Well, if we look at the second half of 19th century politics, we can start to see which groups might coalesce into our opposition party. As stated, labor and and immigrants are almost certainly a given; even liberal members of the GOP were hardly favorable to either group (with the important cavaet that if said immigrants were Protestants, especially Germans or Scandinavians, they were okay). We then can add to this, farmers; though this group is more of a swing constituency, esecially in the Midwest and East. Although we often point to the Populists as the great upswelling of agrarian unrest, it actually started in the 1870s with the organization of the Grange Movement and the rise of the Greenback Party. Now, lets throw dissatisfied Republicans into the mix; the Liberal Republicans were the most obvious example in OTL, but there were ther dissenters from the Republican Party as time moved one. Some of these were moved by a genuine desire to end Reconstruction early because they wished to end the sectional divide in the country, feared the growing power of the federal government and denounced corruption (I'll leave it up to the reader to decide how much they believed this, and how much was antipathy towards Civil Rights), but there were others who opposed the dominant strain of Republican thought at the time which was growing cozier to big business and corruption. Due to the harsher war, the anti-Civil Rights side of thing will be muted, here.

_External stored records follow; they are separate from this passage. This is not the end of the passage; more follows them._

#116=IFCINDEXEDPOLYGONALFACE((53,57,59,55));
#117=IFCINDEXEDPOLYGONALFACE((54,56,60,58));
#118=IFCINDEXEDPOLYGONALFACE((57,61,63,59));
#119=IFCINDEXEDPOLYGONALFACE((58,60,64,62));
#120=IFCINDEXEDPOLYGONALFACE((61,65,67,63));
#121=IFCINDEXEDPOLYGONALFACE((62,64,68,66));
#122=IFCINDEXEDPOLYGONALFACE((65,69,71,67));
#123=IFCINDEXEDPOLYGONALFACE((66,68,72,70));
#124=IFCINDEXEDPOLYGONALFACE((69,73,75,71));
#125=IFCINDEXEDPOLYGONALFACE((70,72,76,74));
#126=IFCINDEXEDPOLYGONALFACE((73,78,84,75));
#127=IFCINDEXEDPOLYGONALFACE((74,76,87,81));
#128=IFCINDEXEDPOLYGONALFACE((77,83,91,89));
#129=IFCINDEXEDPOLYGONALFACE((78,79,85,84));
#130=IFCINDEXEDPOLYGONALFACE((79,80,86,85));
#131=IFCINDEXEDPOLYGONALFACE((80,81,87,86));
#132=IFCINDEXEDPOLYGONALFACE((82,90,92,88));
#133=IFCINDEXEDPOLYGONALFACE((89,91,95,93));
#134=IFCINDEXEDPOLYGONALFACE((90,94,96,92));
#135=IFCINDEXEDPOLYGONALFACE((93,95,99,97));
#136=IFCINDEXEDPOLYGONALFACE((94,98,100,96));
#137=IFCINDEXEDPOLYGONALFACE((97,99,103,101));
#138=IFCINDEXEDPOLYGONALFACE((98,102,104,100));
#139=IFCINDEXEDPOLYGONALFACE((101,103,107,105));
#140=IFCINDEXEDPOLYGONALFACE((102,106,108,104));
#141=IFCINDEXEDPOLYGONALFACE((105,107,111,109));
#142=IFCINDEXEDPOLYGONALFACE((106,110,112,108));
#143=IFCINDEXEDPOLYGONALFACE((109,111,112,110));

Okay, so that's the North (in a nutshell. One could go into a lot more detail, of course). Now for the South. We know that the planter class is going to be politically decapitated here; as the strongest supporters of the rebellion, they are going to be crushed and there is likely to be some major land redistribution. So lets leave them out for right now. So, who else is left for our opposition party? Well, for the first generation or so, the Freedmen vote is going to be almost exclusively GOP I suspect for a number of fairly obvious reasons. However, white Southron small farmers would be natural allies over time (they will likely lean GOP due to the land distribution at first, but as economic issues grow, I think they will defect enmass), along with laborers in the mining regions as well as the steel production areas.

I think there's every reason to assume that the Bourbon Democrats of OTL could eventually move their way into the GOP of this ATL, as it grows more keen on classical liberalism (well, somewhat. It's hard to fully embrace that notion after your party oversaw land redistribution and the enforcement of Civil Rights; though I suspect many will come to see that as a neccesary war measure and not exactly a precedent for future actions. At least until the Progressive Era). And as such, the New Elite in the South - because there WILL be a new elite; nature abhores a vacuum after all - could potentially follow suite. Hell, a sizable part of the new elite might well start off as Republicans, either because they are some of those farmers who benefited from land redistribution and struck it lucky, or because they are carpetbaggers.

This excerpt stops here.